At last week's press conference the mayor pointed out the obvious: "Guns are everywhere!"

So far this year 127 Philadelphians have been murdered. That number's on pace with last year's high of 380 homicides. Guns are blamed for most of those murders.

Street's take: "I don't know how we get our arms around all the violence we have in the community if everywhere you go somebody has a gun."

Let's hope the next mayor has a better idea, a plan that goes beyond blaming the community and President Bush, beyond catch-phrased initiatives like Operation Safer Streets. What's needed is a plan that protects not only the cops but also the neighborhoods where children get shot on the way to school.
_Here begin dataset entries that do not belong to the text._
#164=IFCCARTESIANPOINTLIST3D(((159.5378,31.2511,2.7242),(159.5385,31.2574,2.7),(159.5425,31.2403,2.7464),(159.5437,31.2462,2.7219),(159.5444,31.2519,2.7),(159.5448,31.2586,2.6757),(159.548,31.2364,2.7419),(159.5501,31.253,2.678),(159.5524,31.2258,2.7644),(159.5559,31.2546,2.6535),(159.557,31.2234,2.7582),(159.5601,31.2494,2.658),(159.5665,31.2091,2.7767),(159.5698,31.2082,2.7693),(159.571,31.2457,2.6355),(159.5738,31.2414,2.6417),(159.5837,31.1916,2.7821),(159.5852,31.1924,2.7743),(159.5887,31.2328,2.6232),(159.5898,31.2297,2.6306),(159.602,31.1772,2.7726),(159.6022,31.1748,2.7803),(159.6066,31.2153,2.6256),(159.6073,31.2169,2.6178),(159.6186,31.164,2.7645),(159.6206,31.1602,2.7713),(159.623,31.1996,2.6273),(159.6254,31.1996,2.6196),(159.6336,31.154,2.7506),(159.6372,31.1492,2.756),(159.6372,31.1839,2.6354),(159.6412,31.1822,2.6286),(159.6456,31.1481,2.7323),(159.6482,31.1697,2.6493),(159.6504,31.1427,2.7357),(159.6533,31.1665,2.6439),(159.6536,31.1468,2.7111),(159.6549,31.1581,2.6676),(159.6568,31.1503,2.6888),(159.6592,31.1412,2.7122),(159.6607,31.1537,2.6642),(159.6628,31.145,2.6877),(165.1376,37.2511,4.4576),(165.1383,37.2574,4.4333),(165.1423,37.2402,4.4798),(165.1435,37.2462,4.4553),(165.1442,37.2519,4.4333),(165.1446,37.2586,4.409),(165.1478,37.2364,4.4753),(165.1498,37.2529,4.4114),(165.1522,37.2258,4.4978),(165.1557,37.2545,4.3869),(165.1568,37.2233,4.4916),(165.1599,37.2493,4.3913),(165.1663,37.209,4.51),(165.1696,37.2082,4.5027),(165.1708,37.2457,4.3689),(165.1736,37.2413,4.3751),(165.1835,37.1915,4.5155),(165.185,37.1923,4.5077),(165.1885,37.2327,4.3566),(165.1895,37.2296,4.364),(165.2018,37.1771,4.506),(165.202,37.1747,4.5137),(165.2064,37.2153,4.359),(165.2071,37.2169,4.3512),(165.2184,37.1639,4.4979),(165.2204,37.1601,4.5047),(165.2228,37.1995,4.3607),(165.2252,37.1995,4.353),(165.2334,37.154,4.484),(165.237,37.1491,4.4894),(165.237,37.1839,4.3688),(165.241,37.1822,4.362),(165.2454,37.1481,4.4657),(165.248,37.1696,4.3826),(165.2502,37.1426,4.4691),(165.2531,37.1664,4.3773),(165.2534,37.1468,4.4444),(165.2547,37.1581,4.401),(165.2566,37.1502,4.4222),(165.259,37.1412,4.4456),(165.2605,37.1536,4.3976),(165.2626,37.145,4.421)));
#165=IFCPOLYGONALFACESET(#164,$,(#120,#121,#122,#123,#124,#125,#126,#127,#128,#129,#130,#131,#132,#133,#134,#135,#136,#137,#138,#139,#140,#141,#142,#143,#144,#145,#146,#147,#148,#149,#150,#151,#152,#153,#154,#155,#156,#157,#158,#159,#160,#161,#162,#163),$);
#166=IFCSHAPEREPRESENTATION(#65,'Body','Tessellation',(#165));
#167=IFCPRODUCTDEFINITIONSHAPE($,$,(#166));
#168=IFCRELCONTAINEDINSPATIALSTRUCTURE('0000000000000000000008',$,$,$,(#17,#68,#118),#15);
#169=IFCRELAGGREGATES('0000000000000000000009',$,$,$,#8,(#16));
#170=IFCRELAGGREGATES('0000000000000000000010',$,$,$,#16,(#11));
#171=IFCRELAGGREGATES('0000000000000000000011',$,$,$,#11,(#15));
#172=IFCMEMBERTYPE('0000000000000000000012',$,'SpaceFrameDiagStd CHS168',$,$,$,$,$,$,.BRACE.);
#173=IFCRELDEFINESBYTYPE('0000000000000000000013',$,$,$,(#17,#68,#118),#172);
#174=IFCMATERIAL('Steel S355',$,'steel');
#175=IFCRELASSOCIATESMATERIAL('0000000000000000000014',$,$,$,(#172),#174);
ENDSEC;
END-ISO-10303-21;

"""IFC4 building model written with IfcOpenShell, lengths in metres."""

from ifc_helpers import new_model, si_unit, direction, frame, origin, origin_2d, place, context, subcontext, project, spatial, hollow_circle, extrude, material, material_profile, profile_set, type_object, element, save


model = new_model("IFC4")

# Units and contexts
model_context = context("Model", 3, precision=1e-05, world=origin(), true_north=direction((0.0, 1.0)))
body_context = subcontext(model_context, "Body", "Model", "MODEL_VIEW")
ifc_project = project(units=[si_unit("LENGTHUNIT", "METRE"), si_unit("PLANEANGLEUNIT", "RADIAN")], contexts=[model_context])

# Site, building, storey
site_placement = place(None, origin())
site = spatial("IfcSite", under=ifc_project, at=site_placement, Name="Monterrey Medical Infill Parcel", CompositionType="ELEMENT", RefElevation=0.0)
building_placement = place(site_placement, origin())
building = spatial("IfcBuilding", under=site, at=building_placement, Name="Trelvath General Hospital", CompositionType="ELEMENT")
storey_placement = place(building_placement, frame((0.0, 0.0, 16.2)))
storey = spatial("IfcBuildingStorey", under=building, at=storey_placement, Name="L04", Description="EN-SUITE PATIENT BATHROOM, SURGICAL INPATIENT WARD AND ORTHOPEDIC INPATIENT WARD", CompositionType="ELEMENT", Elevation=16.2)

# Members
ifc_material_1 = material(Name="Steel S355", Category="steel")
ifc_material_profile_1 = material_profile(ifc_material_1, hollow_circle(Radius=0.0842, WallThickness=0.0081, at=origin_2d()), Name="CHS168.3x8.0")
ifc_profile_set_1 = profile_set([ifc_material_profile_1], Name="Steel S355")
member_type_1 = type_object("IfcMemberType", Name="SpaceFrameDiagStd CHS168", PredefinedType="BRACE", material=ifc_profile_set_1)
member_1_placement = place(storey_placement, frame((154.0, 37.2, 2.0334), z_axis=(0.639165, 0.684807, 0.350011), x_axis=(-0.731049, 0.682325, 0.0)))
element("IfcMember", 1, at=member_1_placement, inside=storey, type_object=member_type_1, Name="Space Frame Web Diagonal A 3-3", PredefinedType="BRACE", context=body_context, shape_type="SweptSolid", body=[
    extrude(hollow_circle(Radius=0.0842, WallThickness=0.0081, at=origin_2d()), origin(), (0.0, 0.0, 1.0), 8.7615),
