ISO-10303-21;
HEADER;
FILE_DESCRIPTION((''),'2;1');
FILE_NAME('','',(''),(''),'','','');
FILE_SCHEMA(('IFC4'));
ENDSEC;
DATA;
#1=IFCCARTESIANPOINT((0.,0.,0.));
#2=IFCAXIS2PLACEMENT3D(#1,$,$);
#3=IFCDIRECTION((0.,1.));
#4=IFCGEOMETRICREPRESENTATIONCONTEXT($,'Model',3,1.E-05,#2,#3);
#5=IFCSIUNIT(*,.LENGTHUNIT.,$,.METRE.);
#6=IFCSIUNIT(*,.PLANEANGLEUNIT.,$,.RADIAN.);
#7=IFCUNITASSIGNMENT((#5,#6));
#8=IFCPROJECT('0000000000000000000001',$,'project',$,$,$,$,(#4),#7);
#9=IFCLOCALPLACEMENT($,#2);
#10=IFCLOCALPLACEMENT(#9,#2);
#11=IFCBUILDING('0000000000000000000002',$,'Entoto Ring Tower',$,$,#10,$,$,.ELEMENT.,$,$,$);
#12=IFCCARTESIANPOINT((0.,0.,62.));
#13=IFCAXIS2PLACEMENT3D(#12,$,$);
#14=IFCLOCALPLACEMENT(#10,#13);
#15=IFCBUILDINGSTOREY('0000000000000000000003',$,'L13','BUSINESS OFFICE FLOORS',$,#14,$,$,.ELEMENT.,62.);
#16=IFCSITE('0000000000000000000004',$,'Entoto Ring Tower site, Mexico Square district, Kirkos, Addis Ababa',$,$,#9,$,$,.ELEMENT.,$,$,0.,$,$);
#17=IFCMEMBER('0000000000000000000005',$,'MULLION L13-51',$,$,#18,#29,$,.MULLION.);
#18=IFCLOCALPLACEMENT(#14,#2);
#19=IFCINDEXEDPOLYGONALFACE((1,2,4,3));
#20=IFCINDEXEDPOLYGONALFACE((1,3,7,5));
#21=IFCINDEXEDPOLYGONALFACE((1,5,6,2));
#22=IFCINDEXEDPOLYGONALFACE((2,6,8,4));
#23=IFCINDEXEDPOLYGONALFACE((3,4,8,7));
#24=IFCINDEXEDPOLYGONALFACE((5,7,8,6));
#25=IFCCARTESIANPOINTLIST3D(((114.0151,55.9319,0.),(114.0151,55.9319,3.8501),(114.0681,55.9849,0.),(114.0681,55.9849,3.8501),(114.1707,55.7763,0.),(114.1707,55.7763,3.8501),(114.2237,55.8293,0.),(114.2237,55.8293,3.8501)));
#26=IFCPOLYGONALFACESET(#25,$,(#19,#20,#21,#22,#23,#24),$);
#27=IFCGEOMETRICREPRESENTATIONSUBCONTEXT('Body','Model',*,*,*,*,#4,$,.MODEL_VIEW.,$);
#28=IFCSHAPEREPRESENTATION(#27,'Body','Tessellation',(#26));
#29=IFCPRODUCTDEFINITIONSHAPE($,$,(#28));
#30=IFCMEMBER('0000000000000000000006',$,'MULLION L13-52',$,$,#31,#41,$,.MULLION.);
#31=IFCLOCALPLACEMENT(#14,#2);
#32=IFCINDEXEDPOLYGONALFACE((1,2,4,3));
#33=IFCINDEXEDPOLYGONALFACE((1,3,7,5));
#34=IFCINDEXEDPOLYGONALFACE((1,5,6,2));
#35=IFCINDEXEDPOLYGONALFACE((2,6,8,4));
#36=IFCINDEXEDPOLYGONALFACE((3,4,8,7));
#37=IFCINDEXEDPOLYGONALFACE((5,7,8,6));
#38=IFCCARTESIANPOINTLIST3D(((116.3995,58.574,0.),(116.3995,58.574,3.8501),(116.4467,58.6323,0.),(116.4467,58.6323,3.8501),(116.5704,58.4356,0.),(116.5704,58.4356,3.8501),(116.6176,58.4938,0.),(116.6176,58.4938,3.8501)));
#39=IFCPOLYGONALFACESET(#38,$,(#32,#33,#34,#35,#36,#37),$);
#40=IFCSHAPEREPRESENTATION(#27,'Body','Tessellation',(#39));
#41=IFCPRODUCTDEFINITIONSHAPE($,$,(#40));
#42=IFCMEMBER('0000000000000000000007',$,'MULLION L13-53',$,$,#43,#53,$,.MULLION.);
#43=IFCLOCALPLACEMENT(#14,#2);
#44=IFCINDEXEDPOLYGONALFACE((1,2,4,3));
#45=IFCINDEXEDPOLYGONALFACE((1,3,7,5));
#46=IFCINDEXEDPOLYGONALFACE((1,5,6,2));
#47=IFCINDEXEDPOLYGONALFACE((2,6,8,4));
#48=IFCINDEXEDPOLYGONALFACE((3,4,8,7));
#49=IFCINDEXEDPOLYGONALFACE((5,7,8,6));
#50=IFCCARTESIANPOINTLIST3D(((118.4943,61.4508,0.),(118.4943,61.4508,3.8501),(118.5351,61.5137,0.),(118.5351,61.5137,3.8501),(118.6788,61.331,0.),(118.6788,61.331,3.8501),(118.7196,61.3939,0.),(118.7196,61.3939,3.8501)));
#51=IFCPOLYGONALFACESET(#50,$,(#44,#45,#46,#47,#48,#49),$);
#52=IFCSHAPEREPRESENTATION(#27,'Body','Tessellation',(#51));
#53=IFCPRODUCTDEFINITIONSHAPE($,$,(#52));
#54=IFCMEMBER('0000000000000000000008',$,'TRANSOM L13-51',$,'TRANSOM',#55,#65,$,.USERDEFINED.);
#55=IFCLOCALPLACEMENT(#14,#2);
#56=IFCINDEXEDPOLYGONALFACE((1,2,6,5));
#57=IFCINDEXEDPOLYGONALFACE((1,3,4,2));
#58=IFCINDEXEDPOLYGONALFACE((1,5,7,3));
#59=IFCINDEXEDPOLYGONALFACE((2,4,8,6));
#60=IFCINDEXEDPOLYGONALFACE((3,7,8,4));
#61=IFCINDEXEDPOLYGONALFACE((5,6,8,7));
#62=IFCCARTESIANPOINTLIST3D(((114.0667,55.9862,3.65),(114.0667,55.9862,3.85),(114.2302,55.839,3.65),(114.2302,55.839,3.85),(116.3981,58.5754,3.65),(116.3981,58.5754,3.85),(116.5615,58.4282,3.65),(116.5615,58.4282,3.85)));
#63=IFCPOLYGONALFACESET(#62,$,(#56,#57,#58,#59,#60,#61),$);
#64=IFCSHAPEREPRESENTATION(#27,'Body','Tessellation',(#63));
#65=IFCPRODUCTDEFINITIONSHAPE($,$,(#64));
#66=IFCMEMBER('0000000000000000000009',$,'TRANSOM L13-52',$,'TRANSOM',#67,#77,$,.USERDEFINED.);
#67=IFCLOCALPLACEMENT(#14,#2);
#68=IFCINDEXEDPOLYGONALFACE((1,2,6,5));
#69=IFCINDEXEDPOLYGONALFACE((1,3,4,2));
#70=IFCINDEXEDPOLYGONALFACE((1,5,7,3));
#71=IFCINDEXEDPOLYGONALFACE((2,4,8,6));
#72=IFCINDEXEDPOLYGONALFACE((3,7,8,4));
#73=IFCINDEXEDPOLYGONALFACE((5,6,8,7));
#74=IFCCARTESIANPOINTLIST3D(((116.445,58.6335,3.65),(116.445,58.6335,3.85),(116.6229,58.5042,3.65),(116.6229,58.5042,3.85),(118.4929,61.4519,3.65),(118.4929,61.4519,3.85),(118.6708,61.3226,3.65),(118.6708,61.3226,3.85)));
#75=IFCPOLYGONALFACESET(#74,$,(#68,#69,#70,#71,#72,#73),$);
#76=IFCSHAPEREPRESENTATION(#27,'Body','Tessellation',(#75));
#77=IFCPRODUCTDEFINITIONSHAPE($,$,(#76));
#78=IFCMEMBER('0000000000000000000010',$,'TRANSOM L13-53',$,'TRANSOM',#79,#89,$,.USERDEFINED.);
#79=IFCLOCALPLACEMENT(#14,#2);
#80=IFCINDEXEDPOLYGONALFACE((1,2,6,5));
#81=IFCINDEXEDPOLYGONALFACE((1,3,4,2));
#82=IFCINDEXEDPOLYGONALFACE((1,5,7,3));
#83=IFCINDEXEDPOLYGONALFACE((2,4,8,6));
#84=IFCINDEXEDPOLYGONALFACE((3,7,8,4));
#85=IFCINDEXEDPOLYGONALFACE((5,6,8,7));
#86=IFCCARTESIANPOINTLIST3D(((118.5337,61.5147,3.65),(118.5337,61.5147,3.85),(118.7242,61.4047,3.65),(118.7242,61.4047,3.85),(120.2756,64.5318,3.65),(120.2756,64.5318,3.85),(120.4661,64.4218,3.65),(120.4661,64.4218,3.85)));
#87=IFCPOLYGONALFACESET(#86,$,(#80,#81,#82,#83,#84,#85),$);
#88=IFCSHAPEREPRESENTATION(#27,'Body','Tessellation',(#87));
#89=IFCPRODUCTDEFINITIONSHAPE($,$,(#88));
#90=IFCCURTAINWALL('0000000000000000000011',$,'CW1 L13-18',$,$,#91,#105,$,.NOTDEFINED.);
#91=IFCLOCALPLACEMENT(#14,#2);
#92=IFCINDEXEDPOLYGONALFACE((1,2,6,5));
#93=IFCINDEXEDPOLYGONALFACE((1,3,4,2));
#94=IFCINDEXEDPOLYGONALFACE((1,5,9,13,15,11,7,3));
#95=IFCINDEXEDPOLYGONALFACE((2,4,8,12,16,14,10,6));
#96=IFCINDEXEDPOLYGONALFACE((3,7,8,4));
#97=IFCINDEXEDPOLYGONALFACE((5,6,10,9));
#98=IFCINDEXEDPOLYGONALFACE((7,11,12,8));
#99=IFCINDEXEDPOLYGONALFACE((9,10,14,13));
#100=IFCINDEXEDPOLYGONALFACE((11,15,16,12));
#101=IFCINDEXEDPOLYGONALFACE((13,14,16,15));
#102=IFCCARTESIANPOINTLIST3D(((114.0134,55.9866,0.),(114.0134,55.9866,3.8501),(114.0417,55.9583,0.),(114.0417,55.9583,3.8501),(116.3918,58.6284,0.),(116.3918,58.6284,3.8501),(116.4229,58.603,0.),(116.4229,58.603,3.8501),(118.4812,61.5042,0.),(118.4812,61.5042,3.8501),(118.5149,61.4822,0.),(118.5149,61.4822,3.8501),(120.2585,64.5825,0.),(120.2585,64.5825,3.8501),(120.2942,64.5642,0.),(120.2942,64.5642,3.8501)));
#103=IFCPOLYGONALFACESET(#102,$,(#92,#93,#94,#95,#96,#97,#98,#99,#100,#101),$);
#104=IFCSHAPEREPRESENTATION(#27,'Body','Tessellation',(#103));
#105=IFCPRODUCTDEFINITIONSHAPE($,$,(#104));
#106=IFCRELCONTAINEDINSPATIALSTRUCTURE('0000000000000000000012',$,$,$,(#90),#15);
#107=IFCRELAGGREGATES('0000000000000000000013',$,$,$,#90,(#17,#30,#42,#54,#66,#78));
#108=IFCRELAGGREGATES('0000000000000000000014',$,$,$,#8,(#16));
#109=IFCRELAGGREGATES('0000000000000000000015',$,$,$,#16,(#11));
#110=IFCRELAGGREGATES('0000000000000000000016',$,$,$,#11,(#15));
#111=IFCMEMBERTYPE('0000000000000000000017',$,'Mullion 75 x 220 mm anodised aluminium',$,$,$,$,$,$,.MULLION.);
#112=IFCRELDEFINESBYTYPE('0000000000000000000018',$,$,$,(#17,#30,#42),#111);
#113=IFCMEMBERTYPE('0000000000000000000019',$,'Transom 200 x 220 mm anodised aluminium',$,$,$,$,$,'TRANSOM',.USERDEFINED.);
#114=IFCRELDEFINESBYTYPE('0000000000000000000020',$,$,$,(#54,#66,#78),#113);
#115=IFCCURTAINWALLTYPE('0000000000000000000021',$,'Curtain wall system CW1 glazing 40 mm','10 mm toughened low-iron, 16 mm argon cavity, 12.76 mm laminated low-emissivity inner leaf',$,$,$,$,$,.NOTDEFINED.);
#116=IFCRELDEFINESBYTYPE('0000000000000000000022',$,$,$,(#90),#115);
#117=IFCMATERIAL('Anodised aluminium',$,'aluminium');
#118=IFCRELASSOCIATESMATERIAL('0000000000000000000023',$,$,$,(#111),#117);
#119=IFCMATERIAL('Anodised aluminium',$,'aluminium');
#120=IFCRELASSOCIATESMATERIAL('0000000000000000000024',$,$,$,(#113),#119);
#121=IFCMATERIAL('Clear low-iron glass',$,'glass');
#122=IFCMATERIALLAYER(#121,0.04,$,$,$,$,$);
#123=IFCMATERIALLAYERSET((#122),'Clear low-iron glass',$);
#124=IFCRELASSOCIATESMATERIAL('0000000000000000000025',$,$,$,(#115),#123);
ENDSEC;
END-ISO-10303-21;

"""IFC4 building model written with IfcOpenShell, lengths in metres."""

from ifc_helpers import new_model, si_unit, direction, frame, origin, origin_2d, place, context, subcontext, project, spatial, polyline, rectangle, outline, extrude, material, layer, layer_set, material_profile, profile_set, type_object, element, aggregate, save


model = new_model("IFC4")

# Units and contexts
model_context = context("Model", 3, precision=1e-05, world=origin(), true_north=direction((0.0, 1.0)))
body_context = subcontext(model_context, "Body", "Model", "MODEL_VIEW")
ifc_project = project(units=[si_unit("LENGTHUNIT", "METRE"), si_unit("PLANEANGLEUNIT", "RADIAN")], contexts=[model_context])

# Members
ifc_material_1 = material(Name="Anodised aluminium", Category="aluminium")
ifc_material_profile_1 = material_profile(ifc_material_1, rectangle(XDim=0.075, YDim=0.22, at=origin_2d()), Name="Mullion 75 x 220 mm anodised aluminium")
ifc_profile_set_1 = profile_set([ifc_material_profile_1], Name="Anodised aluminium")
member_type_1 = type_object("IfcMemberType", Name="Mullion 75 x 220 mm anodised aluminium", PredefinedType="MULLION", material=ifc_profile_set_1)
site_placement = place(None, origin())
building_placement = place(site_placement, origin())
storey_placement = place(building_placement, frame((0.0, 0.0, 62.0)))
member_1_placement = place(storey_placement, frame((114.1194, 55.8806, 0.0), z_axis=(0.0, 0.0, 1.0), x_axis=(0.707107, 0.707107, 0.0)))
member_1 = element("IfcMember", 1, at=member_1_placement, type_object=member_type_1, Name="MULLION L13-51", PredefinedType="MULLION", context=body_context, shape_type="SweptSolid", body=[
    extrude(rectangle(XDim=0.075, YDim=0.22, at=origin_2d()), origin(), (0.0, 0.0, 1.0), 3.8501),
])
member_2_placement = place(storey_placement, frame((116.5085, 58.5339, 0.0), z_axis=(0.0, 0.0, 1.0), x_axis=(0.62932, 0.777146, 0.0)))
member_2 = element("IfcMember", 2, at=member_2_placement, type_object=member_type_1, Name="MULLION L13-52", PredefinedType="MULLION", context=body_context, shape_type="SweptSolid", body=[
    extrude(rectangle(XDim=0.075, YDim=0.22, at=origin_2d()), origin(), (0.0, 0.0, 1.0), 3.8501),
])
member_3_placement = place(storey_placement, frame((118.6069, 61.4224, 0.0), z_axis=(0.0, 0.0, 1.0), x_axis=(0.544639, 0.838671, 0.0)))
member_3 = element("IfcMember", 3, at=member_3_placement, type_object=member_type_1, Name="MULLION L13-53", PredefinedType="MULLION", context=body_context, shape_type="SweptSolid", body=[
    extrude(rectangle(XDim=0.075, YDim=0.22, at=origin_2d()), origin(), (0.0, 0.0, 1.0), 3.8501),
])
ifc_material_2 = material(Name="Anodised aluminium", Category="aluminium")
ifc_material_profile_2 = material_profile(ifc_material_2, rectangle(XDim=0.22, YDim=0.2, at=origin_2d()), Name="Transom 200 x 220 mm anodised aluminium")
ifc_profile_set_2 = profile_set([ifc_material_profile_2], Name="Anodised aluminium")
member_type_2 = type_object("IfcMemberType", Name="Transom 200 x 220 mm anodised aluminium", ElementType="TRANSOM", PredefinedType="USERDEFINED", material=ifc_profile_set_2)
member_4_placement = place(storey_placement, frame((114.1484, 55.9126, 3.75), z_axis=(0.669139, 0.743137, 0.0), x_axis=(-0.743137, 0.669139, 0.0)))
This year, in nine of the 12 shootings, the person police shot had a gun. "To kill or be killed often involves a split-second decision," Commissioner Johnson told the Daily News last week. "When cops are confronted by a person with a gun, they have to react."

Police policy prohibits cops from firing at fleeing individuals who present no imminent threat. Deadly force should be used only as a last resort, and then only to protect life.

Thinking back, Fornwald wonders why the cop who shot his kid didn't just shoot out his tires or try to get away.

Speculation like that won't bring back his son. But watching all the raging gun violence in the city, Fornwald does take some solace.

"A lot of people who are killed don't know who did it," says Fornwald. "Our killer has a face."